Single by Big Sean

from the album Detroit 2
- Released: July 26, 2019
- Genre: Hip hop; R&B;
- Length: 3:34
- Label: GOOD; Def Jam;
- Songwriters: Sean Anderson; David Biral; Denzel Baptiste; Stephen Feigenbaum; Tyrone Griffin; Mike Flowers; Dee Lilly; Cameron Osteen; Amaire Johnson;
- Producers: Johan Lenox; Johnson; Take a Daytrip; Cam O'bi; Lilly; Anderson;

Big Sean singles chronology
| "Overtime" (2019) | "Single Again" (2019) | "Bezerk" (2019) |

Music video
- "Single Again" on YouTube
- "Single Again (Extended Version)" on YouTube

= Single Again (Big Sean song) =

2019 song by Big Sean

"Single Again" is a single by American rapper Big Sean. It was released on July 26, 2019 by GOOD Music and Def Jam Recordings. The song was features background vocals from American singers Jhené Aiko and Ty Dolla Sign, as well as production from Johan Lenox, Amaire Johnson, Take a Daytrip, Cam O'bi, Dee Lilly, and Big Sean himself. The song samples "I Wish" by Carl Thomas and interpolates Sean's song "I Don't Fuck with You".

== Background and composition ==
For about three years, Big Sean and Jhené Aiko dated one another on-and-off, but in March 2019, Aiko confirmed that they broke up. "Single Again" marks the first collaboration between them ever since.
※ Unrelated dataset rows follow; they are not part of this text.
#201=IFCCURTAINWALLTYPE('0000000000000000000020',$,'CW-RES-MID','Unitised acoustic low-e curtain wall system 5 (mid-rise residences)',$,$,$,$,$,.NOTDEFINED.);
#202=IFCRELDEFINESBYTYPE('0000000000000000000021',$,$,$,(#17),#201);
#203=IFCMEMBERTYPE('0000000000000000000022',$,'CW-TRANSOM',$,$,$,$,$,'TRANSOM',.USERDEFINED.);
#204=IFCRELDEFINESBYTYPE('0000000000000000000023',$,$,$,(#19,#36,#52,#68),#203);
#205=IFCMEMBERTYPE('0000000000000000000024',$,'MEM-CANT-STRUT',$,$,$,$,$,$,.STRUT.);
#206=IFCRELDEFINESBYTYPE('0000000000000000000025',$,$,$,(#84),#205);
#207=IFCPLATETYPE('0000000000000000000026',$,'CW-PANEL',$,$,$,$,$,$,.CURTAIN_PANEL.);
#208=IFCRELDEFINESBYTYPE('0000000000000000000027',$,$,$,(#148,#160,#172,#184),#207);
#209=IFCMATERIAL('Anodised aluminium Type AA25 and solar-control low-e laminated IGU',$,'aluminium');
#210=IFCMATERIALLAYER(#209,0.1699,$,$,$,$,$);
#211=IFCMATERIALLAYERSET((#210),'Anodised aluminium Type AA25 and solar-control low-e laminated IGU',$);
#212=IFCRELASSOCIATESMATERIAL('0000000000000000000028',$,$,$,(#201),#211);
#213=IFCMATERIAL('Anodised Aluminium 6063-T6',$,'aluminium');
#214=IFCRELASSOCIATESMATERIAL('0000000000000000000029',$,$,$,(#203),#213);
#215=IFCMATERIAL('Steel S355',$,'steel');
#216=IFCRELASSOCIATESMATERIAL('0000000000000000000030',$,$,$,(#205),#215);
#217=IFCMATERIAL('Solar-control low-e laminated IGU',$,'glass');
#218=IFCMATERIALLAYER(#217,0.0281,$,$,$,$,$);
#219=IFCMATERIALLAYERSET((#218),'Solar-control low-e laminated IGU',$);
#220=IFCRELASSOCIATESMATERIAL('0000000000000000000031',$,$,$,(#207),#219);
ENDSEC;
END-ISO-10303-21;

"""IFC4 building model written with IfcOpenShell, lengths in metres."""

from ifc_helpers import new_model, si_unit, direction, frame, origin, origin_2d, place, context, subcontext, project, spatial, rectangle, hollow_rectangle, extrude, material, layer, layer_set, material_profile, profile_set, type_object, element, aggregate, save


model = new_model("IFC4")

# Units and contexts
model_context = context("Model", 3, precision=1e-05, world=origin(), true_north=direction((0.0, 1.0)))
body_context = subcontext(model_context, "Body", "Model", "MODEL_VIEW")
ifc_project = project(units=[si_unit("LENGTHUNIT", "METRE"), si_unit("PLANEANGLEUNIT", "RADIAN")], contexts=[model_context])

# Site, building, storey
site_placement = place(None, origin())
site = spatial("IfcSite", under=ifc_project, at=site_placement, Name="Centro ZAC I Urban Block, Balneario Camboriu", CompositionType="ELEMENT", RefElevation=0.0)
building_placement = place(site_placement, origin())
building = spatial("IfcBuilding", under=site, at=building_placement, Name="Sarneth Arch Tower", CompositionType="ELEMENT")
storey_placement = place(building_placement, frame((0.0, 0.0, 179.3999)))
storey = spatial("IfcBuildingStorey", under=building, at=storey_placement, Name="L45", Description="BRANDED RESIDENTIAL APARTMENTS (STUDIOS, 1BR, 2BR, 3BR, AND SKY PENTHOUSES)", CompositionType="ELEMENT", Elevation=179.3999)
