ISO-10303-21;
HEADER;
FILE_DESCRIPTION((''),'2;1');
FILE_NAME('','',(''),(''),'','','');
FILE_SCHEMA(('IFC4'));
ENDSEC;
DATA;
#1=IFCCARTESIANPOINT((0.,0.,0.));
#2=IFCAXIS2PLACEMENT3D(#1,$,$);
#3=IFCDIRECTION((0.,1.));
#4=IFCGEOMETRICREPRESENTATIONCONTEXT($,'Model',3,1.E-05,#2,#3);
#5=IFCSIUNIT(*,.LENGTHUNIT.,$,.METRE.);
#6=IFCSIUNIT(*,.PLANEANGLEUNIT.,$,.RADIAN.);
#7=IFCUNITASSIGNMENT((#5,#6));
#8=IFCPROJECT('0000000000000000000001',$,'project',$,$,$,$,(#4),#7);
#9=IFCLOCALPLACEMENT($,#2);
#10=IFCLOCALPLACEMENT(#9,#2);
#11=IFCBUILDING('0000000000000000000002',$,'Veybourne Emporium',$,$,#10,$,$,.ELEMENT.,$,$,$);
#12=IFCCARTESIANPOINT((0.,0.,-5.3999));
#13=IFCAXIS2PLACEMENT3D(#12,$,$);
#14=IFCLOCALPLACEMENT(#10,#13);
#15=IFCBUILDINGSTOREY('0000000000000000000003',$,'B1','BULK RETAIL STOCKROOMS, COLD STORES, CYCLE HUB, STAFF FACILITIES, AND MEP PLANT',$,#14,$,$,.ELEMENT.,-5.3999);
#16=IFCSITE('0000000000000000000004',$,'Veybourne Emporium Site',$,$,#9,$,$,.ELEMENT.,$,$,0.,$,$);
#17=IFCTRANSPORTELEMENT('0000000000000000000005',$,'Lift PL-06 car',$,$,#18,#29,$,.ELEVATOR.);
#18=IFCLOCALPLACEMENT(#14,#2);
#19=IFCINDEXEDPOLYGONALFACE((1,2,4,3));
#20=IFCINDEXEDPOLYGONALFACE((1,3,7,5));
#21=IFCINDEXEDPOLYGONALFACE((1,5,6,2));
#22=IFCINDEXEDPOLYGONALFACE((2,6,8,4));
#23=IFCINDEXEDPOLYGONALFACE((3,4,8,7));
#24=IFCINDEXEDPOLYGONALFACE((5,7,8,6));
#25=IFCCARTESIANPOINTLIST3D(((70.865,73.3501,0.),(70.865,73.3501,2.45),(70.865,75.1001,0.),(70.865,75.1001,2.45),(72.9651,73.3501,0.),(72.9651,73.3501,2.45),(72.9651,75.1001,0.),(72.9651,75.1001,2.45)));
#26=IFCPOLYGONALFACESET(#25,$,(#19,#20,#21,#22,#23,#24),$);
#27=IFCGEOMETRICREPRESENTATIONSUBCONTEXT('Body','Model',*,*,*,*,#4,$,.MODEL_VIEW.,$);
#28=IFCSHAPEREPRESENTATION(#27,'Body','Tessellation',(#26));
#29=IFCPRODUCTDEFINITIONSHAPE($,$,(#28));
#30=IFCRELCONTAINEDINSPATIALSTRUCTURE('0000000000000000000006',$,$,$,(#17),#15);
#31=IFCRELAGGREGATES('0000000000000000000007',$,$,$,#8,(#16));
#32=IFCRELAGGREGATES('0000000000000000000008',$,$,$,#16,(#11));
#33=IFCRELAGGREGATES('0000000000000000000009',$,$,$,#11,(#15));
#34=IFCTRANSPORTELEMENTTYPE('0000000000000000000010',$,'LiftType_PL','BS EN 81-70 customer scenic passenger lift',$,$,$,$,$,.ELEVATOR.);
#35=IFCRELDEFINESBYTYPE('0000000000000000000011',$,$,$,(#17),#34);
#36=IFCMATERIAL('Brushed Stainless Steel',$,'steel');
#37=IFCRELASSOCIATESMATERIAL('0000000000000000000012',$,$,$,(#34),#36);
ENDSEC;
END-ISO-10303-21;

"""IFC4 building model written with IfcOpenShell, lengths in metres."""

from ifc_helpers import new_model, si_unit, direction, frame, origin, origin_2d, place, context, subcontext, project, spatial, rectangle, extrude, material, type_object, element, save


model = new_model("IFC4")

# Units and contexts
model_context = context("Model", 3, precision=1e-05, world=origin(), true_north=direction((0.0, 1.0)))
body_context = subcontext(model_context, "Body", "Model", "MODEL_VIEW")
ifc_project = project(units=[si_unit("LENGTHUNIT", "METRE"), si_unit("PLANEANGLEUNIT", "RADIAN")], contexts=[model_context])

# Site, building, storey
site_placement = place(None, origin())
site = spatial("IfcSite", under=ifc_project, at=site_placement, Name="Veybourne Emporium Site", CompositionType="ELEMENT", RefElevation=0.0)
building_placement = place(site_placement, origin())
building = spatial("IfcBuilding", under=site, at=building_placement, Name="Veybourne Emporium", CompositionType="ELEMENT")
storey_placement = place(building_placement, frame((0.0, 0.0, -5.3999)))
storey = spatial("IfcBuildingStorey", under=building, at=storey_placement, Name="B1", Description="BULK RETAIL STOCKROOMS, COLD STORES, CYCLE HUB, STAFF FACILITIES, AND MEP PLANT", CompositionType="ELEMENT", Elevation=-5.3999)

# Transport element
ifc_material_1 = material(Name="Brushed Stainless Steel", Category="steel")
transport_element_type = type_object("IfcTransportElementType", Name="LiftType_PL", Description="BS EN 81-70 customer scenic passenger lift", PredefinedType="ELEVATOR", material=ifc_material_1)
transport_element_placement = place(storey_placement, frame((71.915, 74.2251, 0.0), z_axis=(0.0, 0.0, 1.0), x_axis=(1.0, 0.0, 0.0)))
element("IfcTransportElement", 1, at=transport_element_placement, inside=storey, type_object=transport_element_type, Name="Lift PL-06 car", PredefinedType="ELEVATOR", context=body_context, shape_type="SweptSolid", body=[
    extrude(rectangle(XDim=2.1001, YDim=1.75, at=origin_2d()), origin(), (0.0, 0.0, 1.0), 2.45),
])

save(model, "model.ifc")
Lyrically, Big Sean mulls over the end of his relationship with Aiko and unnecessity of entirely blaming the shortcomings on the other person. He also recognizes the importance of taking time for himself to focus on his own needs, as well as the impact on his mental health resulting from the breakup. Prior to releasing the song, Sean tweeted lyrics of the song, as well as a message that details the song's meaning and the importance of finding solace in a relationship with himself:

I never knew that I didn't know how to be alone in life. I always would find so much joy n happiness in a relationship or being with friends, but I didn't know how important it was to be in a relationship with yourself.

== Music video ==
A music video was released on July 29, 2019. Directed by Lawrence Lamont with cinematography by Jon Chema, the video stars Ryan Destiny, Keith Powers and Haha Davis, and follows a recently separated couple. Big Sean also raps in the middle of a street and inside a car surrounded by fans, and finds himself being put on trial and going to prison for infidelity. A shorter music video was released on August 26, 2019.

== Charts ==

| Chart (2019) | Peak position |
|---|---|
| New Zealand Hot Singles (RMNZ) | 25 |
| US Billboard Hot 100 | 64 |
| US Hot R&B/Hip-Hop Songs (Billboard) | 25 |

==Certifications==

| Region | Certification | Certified units/sales |
| United States (RIAA) | Gold | 500,000^{‡} |
^{‡} Sales+streaming figures based on certification alone.